For workloads that compute totals across a dataset by repeatedly looking up data and performing light computation — many small, chainable steps — CodeAct can remove orchestration overhead. Wrap both runs with a stopwatch and inspect the returned ChatResponse.usage to compare elapsed time and token usage in your own environment.

Current limitations

This package is still alpha, and a few constraints are worth planning around:

1. Platform support follows the published Hyperlight backend packages.

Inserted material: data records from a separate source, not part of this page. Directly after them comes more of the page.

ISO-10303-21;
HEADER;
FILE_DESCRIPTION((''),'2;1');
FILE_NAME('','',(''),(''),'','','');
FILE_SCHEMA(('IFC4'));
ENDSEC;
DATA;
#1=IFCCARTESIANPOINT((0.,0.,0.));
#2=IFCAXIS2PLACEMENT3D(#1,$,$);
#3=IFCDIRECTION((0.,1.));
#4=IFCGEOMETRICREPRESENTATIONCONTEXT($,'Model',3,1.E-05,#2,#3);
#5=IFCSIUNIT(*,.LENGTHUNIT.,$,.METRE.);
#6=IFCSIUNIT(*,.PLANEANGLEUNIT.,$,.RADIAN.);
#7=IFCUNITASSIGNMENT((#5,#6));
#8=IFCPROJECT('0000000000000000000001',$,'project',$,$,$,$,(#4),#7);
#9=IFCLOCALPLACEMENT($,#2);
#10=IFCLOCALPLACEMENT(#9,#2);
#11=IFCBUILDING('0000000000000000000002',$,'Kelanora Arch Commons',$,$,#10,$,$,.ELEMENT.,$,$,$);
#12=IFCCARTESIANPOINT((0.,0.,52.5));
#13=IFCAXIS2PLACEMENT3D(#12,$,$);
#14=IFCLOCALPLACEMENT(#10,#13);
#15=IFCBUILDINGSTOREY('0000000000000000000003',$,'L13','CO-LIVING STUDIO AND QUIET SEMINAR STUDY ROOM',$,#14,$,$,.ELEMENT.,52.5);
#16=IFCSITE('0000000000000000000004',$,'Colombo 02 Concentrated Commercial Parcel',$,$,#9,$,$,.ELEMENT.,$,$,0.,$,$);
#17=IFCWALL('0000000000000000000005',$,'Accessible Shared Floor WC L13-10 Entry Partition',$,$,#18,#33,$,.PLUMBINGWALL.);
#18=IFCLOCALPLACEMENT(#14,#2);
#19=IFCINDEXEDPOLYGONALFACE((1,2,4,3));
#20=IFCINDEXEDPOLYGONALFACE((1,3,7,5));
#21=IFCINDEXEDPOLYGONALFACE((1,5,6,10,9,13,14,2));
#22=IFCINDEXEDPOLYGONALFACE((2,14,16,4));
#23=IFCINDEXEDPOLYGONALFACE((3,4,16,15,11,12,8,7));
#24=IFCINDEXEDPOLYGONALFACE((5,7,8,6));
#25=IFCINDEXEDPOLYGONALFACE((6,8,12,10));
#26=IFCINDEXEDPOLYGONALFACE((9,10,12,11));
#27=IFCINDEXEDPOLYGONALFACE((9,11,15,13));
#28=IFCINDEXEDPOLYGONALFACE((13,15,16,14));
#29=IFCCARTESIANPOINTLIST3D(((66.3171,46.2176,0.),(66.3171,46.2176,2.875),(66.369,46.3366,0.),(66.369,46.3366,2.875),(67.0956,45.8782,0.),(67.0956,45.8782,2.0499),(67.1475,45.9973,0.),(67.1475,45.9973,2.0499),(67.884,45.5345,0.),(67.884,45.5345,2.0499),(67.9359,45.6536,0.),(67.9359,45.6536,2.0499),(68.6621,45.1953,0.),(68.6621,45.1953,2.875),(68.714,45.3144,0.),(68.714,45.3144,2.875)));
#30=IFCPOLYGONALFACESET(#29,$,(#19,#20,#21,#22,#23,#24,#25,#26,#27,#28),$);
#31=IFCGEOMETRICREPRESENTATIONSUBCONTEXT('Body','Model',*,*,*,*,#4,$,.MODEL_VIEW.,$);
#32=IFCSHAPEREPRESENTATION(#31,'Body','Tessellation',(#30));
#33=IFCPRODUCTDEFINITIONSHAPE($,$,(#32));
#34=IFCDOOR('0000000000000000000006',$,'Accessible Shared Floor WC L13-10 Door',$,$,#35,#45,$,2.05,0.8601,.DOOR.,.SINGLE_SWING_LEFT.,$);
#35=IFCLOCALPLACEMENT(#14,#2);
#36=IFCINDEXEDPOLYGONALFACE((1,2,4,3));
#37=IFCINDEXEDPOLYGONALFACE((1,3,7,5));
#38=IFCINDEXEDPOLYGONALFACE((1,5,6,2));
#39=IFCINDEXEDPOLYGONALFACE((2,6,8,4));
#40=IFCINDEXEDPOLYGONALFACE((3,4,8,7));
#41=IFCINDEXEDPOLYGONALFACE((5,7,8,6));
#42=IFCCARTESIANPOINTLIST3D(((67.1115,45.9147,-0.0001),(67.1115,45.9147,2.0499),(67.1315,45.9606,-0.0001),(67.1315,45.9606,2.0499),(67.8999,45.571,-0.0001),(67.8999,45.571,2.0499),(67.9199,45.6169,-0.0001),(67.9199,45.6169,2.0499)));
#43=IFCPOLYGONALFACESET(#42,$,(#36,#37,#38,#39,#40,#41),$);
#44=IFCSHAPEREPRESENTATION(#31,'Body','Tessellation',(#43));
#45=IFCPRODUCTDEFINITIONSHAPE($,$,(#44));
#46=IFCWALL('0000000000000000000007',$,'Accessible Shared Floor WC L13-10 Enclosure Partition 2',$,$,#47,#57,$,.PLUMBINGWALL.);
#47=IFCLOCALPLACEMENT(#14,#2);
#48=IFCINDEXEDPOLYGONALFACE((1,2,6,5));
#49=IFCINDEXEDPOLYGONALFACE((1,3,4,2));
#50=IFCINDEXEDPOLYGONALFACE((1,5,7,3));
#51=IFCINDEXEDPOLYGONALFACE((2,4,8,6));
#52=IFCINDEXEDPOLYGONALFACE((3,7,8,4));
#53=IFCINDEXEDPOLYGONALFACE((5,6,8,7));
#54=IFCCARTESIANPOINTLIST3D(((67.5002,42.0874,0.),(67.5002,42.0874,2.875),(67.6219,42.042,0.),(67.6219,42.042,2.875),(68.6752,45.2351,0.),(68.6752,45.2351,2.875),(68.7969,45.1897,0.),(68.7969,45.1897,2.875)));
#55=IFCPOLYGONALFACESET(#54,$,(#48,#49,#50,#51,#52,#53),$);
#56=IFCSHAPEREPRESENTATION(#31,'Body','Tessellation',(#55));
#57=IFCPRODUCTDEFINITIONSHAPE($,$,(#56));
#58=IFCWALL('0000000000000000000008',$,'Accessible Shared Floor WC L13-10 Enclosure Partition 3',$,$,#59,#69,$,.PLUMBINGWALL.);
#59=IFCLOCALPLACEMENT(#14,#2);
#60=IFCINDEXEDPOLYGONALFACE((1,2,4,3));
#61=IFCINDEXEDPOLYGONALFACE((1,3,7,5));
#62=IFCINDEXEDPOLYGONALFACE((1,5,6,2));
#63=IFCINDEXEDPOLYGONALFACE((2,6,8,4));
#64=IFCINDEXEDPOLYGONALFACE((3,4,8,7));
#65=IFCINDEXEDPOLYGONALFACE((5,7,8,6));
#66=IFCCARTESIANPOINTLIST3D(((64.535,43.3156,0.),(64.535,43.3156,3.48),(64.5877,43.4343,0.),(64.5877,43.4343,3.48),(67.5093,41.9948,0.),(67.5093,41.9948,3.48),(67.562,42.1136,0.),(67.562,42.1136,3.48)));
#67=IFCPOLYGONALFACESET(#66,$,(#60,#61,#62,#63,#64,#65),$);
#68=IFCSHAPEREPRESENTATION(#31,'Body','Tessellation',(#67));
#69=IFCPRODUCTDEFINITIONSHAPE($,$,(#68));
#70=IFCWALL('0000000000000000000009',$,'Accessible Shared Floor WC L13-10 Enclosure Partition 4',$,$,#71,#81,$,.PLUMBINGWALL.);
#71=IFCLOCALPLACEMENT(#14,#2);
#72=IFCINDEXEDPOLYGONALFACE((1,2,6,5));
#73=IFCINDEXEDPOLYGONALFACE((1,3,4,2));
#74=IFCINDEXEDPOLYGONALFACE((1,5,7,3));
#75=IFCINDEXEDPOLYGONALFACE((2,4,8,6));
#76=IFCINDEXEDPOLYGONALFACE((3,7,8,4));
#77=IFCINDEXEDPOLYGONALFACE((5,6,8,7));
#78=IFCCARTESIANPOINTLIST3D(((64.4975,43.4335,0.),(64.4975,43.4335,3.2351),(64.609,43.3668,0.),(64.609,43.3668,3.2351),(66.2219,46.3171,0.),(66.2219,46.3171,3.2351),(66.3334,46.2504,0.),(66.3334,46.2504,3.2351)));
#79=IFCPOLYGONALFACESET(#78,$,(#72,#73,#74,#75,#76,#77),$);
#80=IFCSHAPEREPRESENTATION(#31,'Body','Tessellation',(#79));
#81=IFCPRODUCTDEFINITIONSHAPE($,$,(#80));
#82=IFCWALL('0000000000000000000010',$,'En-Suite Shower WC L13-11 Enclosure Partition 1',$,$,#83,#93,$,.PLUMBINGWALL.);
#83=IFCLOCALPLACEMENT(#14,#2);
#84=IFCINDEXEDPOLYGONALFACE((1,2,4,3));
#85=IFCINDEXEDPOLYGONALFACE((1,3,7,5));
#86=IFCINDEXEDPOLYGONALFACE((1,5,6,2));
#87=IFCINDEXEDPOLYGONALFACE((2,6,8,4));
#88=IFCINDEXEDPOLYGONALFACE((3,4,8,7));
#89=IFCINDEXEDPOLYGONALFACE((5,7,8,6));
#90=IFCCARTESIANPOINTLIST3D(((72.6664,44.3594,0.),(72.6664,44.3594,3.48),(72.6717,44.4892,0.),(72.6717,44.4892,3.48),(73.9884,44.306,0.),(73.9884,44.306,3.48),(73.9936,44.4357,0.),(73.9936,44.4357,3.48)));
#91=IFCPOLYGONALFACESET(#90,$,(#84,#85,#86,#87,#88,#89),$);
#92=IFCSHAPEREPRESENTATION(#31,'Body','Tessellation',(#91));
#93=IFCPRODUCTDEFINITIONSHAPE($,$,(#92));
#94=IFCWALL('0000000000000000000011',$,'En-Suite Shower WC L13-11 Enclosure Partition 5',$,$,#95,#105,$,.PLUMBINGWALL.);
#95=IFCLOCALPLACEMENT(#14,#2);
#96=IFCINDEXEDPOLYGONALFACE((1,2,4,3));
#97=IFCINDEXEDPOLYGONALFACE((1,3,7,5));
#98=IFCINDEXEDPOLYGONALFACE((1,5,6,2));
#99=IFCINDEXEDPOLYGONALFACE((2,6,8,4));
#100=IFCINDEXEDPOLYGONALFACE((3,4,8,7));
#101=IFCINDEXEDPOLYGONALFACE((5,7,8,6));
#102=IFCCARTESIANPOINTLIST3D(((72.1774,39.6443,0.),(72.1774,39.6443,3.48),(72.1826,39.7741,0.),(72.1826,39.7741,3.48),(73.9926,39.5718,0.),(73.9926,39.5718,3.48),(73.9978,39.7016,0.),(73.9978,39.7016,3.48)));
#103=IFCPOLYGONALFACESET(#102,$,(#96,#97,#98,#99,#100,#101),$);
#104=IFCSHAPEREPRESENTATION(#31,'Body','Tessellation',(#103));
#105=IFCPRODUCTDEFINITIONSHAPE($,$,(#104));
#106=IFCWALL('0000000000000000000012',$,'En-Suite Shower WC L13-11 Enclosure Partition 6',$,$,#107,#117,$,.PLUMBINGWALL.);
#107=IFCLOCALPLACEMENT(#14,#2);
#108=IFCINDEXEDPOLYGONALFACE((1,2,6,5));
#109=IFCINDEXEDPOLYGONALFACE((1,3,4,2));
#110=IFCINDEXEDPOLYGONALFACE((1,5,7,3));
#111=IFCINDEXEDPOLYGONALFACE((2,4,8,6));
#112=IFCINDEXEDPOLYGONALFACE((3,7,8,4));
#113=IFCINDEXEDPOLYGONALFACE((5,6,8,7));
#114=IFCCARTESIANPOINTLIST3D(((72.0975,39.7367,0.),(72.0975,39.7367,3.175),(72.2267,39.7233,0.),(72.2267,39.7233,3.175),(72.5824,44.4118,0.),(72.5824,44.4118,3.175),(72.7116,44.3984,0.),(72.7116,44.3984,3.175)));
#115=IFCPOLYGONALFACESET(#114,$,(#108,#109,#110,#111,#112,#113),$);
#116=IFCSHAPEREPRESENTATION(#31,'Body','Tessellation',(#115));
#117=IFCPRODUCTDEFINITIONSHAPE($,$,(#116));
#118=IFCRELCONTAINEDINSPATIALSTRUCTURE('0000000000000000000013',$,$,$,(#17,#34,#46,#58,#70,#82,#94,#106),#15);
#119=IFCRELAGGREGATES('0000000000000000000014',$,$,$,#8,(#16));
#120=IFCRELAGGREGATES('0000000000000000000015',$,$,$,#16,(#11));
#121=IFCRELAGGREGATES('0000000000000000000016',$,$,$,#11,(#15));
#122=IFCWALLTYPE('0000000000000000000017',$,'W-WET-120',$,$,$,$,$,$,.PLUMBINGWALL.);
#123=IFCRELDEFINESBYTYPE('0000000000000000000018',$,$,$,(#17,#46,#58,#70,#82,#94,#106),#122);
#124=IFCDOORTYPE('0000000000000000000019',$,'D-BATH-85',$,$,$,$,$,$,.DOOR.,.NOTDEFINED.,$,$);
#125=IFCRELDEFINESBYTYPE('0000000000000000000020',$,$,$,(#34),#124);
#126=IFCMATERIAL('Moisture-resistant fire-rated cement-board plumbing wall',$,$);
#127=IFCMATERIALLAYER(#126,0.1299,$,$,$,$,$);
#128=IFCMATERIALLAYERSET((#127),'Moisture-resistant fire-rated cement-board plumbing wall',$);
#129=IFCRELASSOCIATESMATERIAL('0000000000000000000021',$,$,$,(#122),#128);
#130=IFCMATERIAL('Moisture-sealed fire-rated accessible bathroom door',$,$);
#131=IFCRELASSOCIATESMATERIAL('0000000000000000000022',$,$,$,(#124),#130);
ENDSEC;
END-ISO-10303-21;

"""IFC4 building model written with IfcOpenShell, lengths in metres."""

from ifc_helpers import new_model, si_unit, direction, frame, frame_2d, origin, place, context, subcontext, project, spatial, rectangle, extrude, material, layer, layer_set, type_object, element, fill, save


model = new_model("IFC4")

# Units and contexts
model_context = context("Model", 3, precision=1e-05, world=origin(), true_north=direction((0.0, 1.0)))
body_context = subcontext(model_context, "Body", "Model", "MODEL_VIEW")
ifc_project = project(units=[si_unit("LENGTHUNIT", "METRE"), si_unit("PLANEANGLEUNIT", "RADIAN")], contexts=[model_context])

# Site, building, storey
site_placement = place(None, origin())
site = spatial("IfcSite", under=ifc_project, at=site_placement, Name="Colombo 02 Concentrated Commercial Parcel", CompositionType="ELEMENT", RefElevation=0.0)
building_placement = place(site_placement, origin())
building = spatial("IfcBuilding", under=site, at=building_placement, Name="Kelanora Arch Commons", CompositionType="ELEMENT")
storey_placement = place(building_placement, frame((0.0, 0.0, 52.5)))
storey = spatial("IfcBuildingStorey", under=building, at=storey_placement, Name="L13", Description="CO-LIVING STUDIO AND QUIET SEMINAR STUDY ROOM", CompositionType="ELEMENT", Elevation=52.5)

# Wall, opening, door
ifc_material_1 = material(Name="Moisture-resistant fire-rated cement-board plumbing wall")
ifc_layer_1 = layer(ifc_material_1, 0.1299)
ifc_layer_set_1 = layer_set([ifc_layer_1], Name="Moisture-resistant fire-rated cement-board plumbing wall")
wall_type_1 = type_object("IfcWallType", Name="W-WET-120", PredefinedType="PLUMBINGWALL", material=ifc_layer_set_1)
wall_1_placement = place(storey_placement, frame((66.343, 46.2771, 0.0), z_axis=(0.0, 0.0, 1.0), x_axis=(0.916689, -0.399602, 0.0)))
wall_1 = element("IfcWall", 1, at=wall_1_placement, inside=storey, type_object=wall_type_1, Name="Accessible Shared Floor WC L13-10 Entry Partition", PredefinedType="PLUMBINGWALL", context=body_context, shape_type="SweptSolid", body=[
    extrude(rectangle(XDim=2.5581, YDim=0.1299, at=frame_2d((1.2791, 0.0))), origin(), (0.0, 0.0, 1.0), 2.875),
])
opening_1_placement = place(wall_1_placement, frame((0.8491, 0.0, 0.0)))
opening_1 = element("IfcOpeningElement", 2, at=opening_1_placement, cuts=wall_1, PredefinedType="OPENING", context=body_context, shape_type="SweptSolid", body=[
    extrude(rectangle(XDim=0.8601, YDim=2.05, at=frame_2d((0.4302, 1.0249))), frame((0.0, 0.075, 0.0), z_axis=(0.0, -1.0, 0.0), x_axis=(1.0, 0.0, 0.0)), (0.0, 0.0, 1.0), 0.1499),
])
ifc_material_2 = material(Name="Moisture-sealed fire-rated accessible bathroom door")
door_type_1 = type_object("IfcDoorType", Name="D-BATH-85", OperationType="NOTDEFINED", PredefinedType="DOOR", material=ifc_material_2)
door_1_placement = place(opening_1_placement, origin())
door_1 = element("IfcDoor", 3, at=door_1_placement, inside=storey, type_object=door_type_1, Name="Accessible Shared Floor WC L13-10 Door", OperationType="SINGLE_SWING_LEFT", OverallHeight=2.05, OverallWidth=0.8601, PredefinedType="DOOR", context=body_context, shape_type="SweptSolid", body=[
    extrude(rectangle(XDim=0.8601, YDim=2.05, at=frame_2d((0.4302, 1.0249))), frame((0.0, 0.0249, 0.0), z_axis=(0.0, -1.0, 0.0), x_axis=(1.0, 0.0, 0.0)), (0.0, 0.0, 1.0), 0.05),
])
fill(opening_1, door_1)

Today that means supported Linux and Windows environments; unsupported platforms will fail when creating the sandbox.
2. The current integration executes Python guest code.
3. In-memory interpreter state does not persist across separate execute_code calls. Use mounted files and /output artifacts when data needs to survive across calls.
4. Approval applies to the execute_code invocation as a whole, not to each individual call_tool(...) inside the same code block.
5. Tool descriptions, parameter annotations, and return shapes matter more here because the model is writing code against that contract rather than choosing isolated direct tool calls.